Custom Partitioner Example

public class HotDataPartitioner implements Partitioner {
    private Random random;
    @Override
    public void configure(Map configs) { random = new Random(); }
    @Override
    public int partition(String topic, Object keyObj, byte[] keyBytes, Object value, byte[] valueBytes, Cluster cluster) {
        String key = (String) keyObj;
        List
partitionInfoList = cluster.availablePartitionsForTopic(topic);
        int partitionCount = partitionInfoList.size();
        int hotDataPartition = partitionCount - 1;
        return !key.contains("hot_data") ? random.nextInt(partitionCount - 1) : hotDataPartition;
    }
}

Configure with:

props.put("partitioner.class", "com.zhss.HotDataPartitioner");

Producer Throughput Tuning

Key parameters: buffer.memory (default 32 MB), compression.type (e.g., lz4), batch.size (default 16 KB), linger.ms (default 0, often set to 100 ms), and max.in.flight.requests.per.connection (set to 1 to avoid reordering).

Error Handling and Retry Strategies

Common exceptions: LeaderNotAvailableException , NotControllerException , NetworkException . Use retries and retry.backoff.ms . Beware of duplicate messages and ordering issues; set max.in.flight.requests.per.connection=1 if needed.

ACK Configuration

acks=0 (fire‑and‑forget), acks=1 (leader ack), acks=-1 (all in‑sync replicas). Combine with min.insync.replicas to guarantee durability.

Consumer Group Mechanics

Group coordinators manage heartbeats, rebalance, and offset storage. Offsets are now stored in the internal __consumer_offsets topic (default 50 partitions) instead of Zookeeper.

Offset Management Tools

java -cp KafkaOffsetMonitor-assembly-0.3.0-SNAPSHOT.jar com.quantifind.kafka.offsetapp.OffsetGetterWeb --offsetStorage kafka --zk hadoop1:2181 --port 9004 --refresh 15.seconds --retain 2.days

Rebalance Strategies

Range, round‑robin, and sticky. Sticky tries to keep existing partition assignments while balancing load.

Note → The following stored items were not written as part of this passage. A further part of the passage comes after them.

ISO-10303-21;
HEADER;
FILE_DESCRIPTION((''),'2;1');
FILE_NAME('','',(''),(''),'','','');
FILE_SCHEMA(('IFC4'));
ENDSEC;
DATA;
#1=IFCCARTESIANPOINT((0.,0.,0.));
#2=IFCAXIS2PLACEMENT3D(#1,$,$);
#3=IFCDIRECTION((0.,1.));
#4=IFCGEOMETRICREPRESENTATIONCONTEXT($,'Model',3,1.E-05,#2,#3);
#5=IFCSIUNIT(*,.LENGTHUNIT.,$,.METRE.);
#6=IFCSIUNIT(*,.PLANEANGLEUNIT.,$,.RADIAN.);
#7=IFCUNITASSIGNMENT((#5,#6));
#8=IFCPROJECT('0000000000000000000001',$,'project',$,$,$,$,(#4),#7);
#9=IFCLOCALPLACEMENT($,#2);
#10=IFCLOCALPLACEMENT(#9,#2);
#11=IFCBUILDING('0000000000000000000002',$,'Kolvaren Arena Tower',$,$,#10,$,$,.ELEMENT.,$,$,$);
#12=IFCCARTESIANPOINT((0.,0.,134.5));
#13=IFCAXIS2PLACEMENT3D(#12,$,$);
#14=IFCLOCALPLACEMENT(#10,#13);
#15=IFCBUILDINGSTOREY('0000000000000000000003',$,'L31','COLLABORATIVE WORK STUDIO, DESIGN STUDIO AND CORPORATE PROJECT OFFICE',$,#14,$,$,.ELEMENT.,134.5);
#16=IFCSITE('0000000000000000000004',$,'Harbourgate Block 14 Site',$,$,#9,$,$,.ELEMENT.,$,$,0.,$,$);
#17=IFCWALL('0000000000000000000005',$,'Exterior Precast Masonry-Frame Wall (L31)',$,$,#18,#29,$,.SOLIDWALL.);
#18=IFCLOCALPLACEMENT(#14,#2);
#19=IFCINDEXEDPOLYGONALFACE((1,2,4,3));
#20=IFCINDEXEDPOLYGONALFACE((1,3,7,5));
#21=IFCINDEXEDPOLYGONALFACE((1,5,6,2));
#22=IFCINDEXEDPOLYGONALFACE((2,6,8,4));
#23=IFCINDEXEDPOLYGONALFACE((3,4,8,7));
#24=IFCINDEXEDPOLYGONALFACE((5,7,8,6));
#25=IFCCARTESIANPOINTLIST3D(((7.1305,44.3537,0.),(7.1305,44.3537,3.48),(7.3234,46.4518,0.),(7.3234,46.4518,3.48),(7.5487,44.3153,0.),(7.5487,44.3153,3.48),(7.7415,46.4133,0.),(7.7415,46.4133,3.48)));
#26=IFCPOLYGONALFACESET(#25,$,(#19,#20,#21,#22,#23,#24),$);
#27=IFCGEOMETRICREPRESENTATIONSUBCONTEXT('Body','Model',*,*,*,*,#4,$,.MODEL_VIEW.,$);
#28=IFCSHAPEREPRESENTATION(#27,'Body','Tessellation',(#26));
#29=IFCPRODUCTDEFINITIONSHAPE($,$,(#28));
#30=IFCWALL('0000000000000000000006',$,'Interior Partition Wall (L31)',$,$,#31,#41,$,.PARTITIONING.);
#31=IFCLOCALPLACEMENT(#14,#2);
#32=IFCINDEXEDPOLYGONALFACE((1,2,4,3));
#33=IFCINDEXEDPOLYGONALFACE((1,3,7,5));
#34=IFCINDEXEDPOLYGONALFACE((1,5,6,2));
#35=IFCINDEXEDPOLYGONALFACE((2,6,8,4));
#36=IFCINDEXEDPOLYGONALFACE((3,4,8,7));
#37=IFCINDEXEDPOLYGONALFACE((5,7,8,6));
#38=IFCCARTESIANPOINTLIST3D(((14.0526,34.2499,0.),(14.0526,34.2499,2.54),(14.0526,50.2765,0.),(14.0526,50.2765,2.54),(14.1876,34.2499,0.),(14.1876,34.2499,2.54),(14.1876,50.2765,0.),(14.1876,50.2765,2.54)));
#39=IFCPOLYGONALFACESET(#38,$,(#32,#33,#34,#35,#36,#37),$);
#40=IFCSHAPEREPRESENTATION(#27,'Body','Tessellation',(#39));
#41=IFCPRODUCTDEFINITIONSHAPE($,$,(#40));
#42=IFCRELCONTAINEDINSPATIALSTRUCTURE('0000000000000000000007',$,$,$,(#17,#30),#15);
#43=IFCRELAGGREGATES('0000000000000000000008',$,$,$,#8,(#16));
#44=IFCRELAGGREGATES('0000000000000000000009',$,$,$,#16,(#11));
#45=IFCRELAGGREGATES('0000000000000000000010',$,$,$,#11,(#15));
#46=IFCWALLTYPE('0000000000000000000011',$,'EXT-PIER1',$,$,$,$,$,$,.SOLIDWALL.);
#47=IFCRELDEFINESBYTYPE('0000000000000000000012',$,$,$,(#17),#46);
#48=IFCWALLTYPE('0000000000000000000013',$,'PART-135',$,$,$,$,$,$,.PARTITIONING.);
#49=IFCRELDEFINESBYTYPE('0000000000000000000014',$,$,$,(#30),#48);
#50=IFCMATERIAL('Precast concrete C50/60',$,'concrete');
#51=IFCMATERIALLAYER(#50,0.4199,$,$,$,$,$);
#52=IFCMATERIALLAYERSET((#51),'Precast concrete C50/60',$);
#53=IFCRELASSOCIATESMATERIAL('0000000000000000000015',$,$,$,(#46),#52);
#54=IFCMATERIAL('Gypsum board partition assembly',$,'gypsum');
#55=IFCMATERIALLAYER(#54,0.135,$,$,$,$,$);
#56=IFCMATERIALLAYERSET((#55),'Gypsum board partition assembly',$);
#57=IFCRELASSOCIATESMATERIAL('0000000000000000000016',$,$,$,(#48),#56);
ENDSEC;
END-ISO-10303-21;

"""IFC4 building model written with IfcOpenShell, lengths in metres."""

from ifc_helpers import new_model, si_unit, direction, frame, frame_2d, origin, place, context, subcontext, project, spatial, rectangle, extrude, material, layer, layer_set, type_object, element, save


model = new_model("IFC4")

# Units and contexts
model_context = context("Model", 3, precision=1e-05, world=origin(), true_north=direction((0.0, 1.0)))
body_context = subcontext(model_context, "Body", "Model", "MODEL_VIEW")
ifc_project = project(units=[si_unit("LENGTHUNIT", "METRE"), si_unit("PLANEANGLEUNIT", "RADIAN")], contexts=[model_context])

# Site, building, storey
site_placement = place(None, origin())
site = spatial("IfcSite", under=ifc_project, at=site_placement, Name="Harbourgate Block 14 Site", CompositionType="ELEMENT", RefElevation=0.0)
building_placement = place(site_placement, origin())
building = spatial("IfcBuilding", under=site, at=building_placement, Name="Kolvaren Arena Tower", CompositionType="ELEMENT")
storey_placement = place(building_placement, frame((0.0, 0.0, 134.5)))
storey = spatial("IfcBuildingStorey", under=building, at=storey_placement, Name="L31", Description="COLLABORATIVE WORK STUDIO, DESIGN STUDIO AND CORPORATE PROJECT OFFICE", CompositionType="ELEMENT", Elevation=134.5)

# Shared definitions
ifc_material_1 = material(Name="Precast concrete C50/60", Category="concrete")
ifc_layer_1 = layer(ifc_material_1, 0.4199)
ifc_layer_set_1 = layer_set([ifc_layer_1], Name="Precast concrete C50/60")
wall_type_1 = type_object("IfcWallType", Name="EXT-PIER1", PredefinedType="SOLIDWALL", material=ifc_layer_set_1)

# Walls
wall_1_placement = place(storey_placement, frame((7.3396, 44.3345, 0.0), z_axis=(0.0, 0.0, 1.0), x_axis=(0.091539, 0.995802, 0.0)))
element("IfcWall", 1, at=wall_1_placement, inside=storey, type_object=wall_type_1, Name="Exterior Precast Masonry-Frame Wall (L31)", PredefinedType="SOLIDWALL", context=body_context, shape_type="SweptSolid", body=[
    extrude(rectangle(XDim=2.1069, YDim=0.4199, at=frame_2d((1.0535, 0.0))), origin(), (0.0, 0.0, 1.0), 3.48),
])
ifc_material_2 = material(Name="Gypsum board partition assembly", Category="gypsum")
ifc_layer_2 = layer(ifc_material_2, 0.135)
ifc_layer_set_2 = layer_set([ifc_layer_2], Name="Gypsum board partition assembly")
wall_type_2 = type_object("IfcWallType", Name="PART-135", PredefinedType="PARTITIONING", material=ifc_layer_set_2)
wall_2_placement = place(storey_placement, frame((14.1201, 34.25, 0.0), z_axis=(0.0, 0.0, 1.0), x_axis=(0.0, 1.0, 0.0)))
element("IfcWall", 2, at=wall_2_placement, inside=storey, type_object=wall_type_2, Name="Interior Partition Wall (L31)", PredefinedType="PARTITIONING", context=body_context, shape_type="SweptSolid", body=[
    extrude(rectangle(XDim=16.0266, YDim=0.135, at=frame_2d((8.0132, 0.0))), origin(), (0.0, 0.0, 1.0), 2.54),
])

save(model, "model.ifc")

Broker Internals (LEO & HW)

Log End Offset (LEO) tracks the next offset to write; High Watermark (HW) marks the highest offset replicated to all in‑sync replicas and visible to consumers.

Controller Responsibilities

Manages broker registration, topic creation, partition reassignment, and leader election via Zookeeper paths such as /controller/id , /broker/ids/ , and /admin/reassign_partitions .

Delayed Operations and Time Wheel

Kafka uses a custom time‑wheel scheduler for delayed tasks (e.g., producer acks timeout, follower fetch delays) achieving O(1) insertion and removal.